You are right, I didn't properly consider the effect on CPU architectures with SMP and multiple layers of caching. This may hit particularly hard on NUMA architectures where CPUs try to optmize as much as possible cross-node transfers.

I'll reopen the upstream ticket.

> Perhaps you could put the reader and writer code into a library, then we
> could write a test harness and run it on several architectures, to check
> that the results are as expected.  But I'm not sure how effective such
> testing is in uncovering concurrency bugs.

I used to have test code to verify barriers worked properly. and you can catch concurrency issues if you have multiple threads running in tight loops over and over.
I will try to find out if I still have them around.

Comment 10 Simo Sorce 2012-12-11 22:35:22 UTC
Created attachment 661730 [details]
USe a macro to do memcpy with barriers

I came up with a slightly different patch that uses a macro to memcpy with barriers.
Can you check this is ok, it is not 100% identical to your code.
Also I found a glaring error around line 200, b2 wsa ssigned the value of rec-b1 instead of rec-b2 ...

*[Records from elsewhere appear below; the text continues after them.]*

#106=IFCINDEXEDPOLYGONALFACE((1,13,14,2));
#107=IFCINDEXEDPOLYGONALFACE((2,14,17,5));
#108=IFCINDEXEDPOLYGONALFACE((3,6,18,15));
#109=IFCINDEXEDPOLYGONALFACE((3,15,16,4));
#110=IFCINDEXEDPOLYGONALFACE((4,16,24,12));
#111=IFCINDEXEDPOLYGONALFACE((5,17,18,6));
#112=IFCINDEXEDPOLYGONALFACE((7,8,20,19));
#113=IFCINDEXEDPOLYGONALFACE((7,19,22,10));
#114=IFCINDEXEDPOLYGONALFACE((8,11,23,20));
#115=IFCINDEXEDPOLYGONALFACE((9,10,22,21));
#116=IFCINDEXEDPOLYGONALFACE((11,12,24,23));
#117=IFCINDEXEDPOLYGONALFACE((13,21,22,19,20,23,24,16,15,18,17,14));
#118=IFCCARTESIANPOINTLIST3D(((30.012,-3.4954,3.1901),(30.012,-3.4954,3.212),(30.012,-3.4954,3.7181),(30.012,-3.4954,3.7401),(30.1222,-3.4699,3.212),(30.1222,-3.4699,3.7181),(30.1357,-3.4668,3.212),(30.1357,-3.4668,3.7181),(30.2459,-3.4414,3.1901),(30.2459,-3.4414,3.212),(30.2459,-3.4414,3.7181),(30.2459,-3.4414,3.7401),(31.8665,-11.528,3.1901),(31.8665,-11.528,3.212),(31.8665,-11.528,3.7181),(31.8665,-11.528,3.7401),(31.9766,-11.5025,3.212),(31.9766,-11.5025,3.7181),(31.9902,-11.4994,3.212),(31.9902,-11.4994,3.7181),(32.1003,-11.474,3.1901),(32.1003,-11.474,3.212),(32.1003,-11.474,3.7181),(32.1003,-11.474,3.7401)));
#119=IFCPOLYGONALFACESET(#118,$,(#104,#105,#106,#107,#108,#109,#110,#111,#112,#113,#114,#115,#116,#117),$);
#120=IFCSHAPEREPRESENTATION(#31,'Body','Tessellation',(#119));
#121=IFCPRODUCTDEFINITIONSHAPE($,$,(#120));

Comment 12 Florian Weimer 2012-12-12 15:25:31 UTC
(In reply to comment #10)
> Created attachment 661730 [details]
> USe a macro to do memcpy with barriers
> 
> I came up with a slightly different patch that uses a macro to memcpy with
> barriers.  Can you check this is ok, it is not 100% identical to your code.

+        if (copy_ok && b1 == copy_rec->b2) {

The read of b2 does not necessarily come after all the other reads for other members of the copy_rec structure, so an unchanged value does not necessarily mean that copy is consistent (I think).  Using rec->b2 should be okay, but the macro really obscures what's going on here.

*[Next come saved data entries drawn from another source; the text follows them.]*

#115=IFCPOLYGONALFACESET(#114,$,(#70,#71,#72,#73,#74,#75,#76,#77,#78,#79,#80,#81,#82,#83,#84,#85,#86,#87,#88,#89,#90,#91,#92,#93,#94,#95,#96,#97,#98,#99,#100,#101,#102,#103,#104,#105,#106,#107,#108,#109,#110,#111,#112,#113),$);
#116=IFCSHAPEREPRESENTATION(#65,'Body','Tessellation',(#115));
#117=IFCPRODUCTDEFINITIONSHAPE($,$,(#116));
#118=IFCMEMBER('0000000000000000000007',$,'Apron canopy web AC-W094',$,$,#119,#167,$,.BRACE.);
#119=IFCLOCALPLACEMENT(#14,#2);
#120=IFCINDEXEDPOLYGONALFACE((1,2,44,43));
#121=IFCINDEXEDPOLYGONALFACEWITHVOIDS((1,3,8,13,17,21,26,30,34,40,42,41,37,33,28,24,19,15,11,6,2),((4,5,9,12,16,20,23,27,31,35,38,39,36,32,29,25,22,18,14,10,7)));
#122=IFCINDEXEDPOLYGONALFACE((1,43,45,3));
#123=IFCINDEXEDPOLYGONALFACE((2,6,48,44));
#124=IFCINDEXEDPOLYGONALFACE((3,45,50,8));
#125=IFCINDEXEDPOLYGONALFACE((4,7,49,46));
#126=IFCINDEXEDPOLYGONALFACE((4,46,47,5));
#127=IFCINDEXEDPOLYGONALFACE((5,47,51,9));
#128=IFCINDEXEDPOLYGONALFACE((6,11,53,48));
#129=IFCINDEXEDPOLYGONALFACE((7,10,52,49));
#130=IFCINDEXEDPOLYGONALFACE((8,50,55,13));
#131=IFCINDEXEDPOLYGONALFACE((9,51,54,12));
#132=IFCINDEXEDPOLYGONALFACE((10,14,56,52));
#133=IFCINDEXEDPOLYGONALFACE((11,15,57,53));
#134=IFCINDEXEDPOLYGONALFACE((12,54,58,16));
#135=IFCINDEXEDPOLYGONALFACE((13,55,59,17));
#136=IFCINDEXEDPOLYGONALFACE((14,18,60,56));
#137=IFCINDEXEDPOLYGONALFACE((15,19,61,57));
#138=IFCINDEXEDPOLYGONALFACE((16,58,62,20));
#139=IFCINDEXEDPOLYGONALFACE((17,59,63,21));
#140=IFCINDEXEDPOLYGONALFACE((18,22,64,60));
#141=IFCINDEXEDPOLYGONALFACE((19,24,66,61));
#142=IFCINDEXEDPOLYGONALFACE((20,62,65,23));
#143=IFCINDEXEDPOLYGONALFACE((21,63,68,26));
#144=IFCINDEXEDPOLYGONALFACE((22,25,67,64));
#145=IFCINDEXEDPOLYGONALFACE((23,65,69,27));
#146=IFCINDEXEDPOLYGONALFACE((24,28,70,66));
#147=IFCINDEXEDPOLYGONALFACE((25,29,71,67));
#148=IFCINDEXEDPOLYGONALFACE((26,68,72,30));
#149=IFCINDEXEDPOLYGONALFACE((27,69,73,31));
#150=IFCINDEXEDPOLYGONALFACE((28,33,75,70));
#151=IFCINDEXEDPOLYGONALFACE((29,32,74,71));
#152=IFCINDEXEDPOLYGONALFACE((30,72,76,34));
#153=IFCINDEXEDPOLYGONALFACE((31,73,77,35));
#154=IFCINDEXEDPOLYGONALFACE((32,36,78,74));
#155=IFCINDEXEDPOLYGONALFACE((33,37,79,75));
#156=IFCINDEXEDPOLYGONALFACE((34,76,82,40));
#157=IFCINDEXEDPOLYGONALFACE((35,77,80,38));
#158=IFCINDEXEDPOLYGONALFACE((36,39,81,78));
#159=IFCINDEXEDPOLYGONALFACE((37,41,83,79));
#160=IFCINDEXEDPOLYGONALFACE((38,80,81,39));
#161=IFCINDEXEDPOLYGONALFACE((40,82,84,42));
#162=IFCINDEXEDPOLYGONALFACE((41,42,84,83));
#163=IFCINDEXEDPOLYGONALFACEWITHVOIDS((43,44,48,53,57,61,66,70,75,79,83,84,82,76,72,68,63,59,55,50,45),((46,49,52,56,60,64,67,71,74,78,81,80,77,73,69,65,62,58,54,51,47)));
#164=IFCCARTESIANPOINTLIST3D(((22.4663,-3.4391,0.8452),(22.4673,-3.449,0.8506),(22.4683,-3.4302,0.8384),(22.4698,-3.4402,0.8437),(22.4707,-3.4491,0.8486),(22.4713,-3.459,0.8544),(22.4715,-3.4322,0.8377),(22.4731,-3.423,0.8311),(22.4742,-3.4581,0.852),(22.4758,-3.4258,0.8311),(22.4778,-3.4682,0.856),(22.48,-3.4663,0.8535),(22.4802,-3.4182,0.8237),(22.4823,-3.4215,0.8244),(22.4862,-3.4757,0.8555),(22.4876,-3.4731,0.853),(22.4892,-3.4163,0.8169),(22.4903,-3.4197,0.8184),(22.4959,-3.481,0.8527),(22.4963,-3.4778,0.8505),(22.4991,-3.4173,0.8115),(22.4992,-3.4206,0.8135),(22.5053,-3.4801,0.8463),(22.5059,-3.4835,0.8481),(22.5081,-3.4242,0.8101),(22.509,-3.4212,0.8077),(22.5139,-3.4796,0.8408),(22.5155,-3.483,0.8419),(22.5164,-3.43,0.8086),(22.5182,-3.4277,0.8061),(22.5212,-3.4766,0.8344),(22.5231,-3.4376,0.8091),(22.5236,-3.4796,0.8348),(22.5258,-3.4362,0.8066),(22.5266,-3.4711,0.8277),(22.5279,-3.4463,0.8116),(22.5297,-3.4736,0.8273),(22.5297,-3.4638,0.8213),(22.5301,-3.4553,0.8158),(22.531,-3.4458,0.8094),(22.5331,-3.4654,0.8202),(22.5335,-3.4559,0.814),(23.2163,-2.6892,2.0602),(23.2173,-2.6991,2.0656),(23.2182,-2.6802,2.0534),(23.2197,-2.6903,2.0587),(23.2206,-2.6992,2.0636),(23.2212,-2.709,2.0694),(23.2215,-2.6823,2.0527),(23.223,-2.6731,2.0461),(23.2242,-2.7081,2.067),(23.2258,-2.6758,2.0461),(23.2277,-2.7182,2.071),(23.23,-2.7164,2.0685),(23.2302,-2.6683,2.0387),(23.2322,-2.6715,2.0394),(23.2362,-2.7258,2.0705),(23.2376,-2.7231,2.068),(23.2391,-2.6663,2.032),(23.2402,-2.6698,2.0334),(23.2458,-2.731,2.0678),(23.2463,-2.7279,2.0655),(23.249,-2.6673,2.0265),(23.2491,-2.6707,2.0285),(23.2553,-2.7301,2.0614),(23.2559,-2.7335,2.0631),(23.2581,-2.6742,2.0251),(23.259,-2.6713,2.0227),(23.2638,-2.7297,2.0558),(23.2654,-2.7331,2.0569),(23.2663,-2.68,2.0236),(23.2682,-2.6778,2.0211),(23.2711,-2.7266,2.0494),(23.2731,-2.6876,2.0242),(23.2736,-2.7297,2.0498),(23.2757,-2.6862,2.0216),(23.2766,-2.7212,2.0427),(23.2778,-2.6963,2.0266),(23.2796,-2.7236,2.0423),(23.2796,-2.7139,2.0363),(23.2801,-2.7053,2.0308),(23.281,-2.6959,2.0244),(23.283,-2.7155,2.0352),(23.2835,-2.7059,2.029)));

Comment 13 Simo Sorce 2012-12-12 17:11:33 UTC
Created attachment 662504 [details]
Macro to deal with memcpy barriers

I think the patch is correct wrt using copy_rec->b2 however Florian pointed out on IRC that I mistakenly swapped src/dest in the macro when testing b2.
With that corrected I am confident this code properly handles the necessary synchronizations now.

Comment 14 Fedora Update System 2013-01-12 00:10:17 UTC
sssd-1.9.3-1.fc18 has been pushed to the Fedora 18 stable repository.  If problems still persist, please make note of it in this bug report.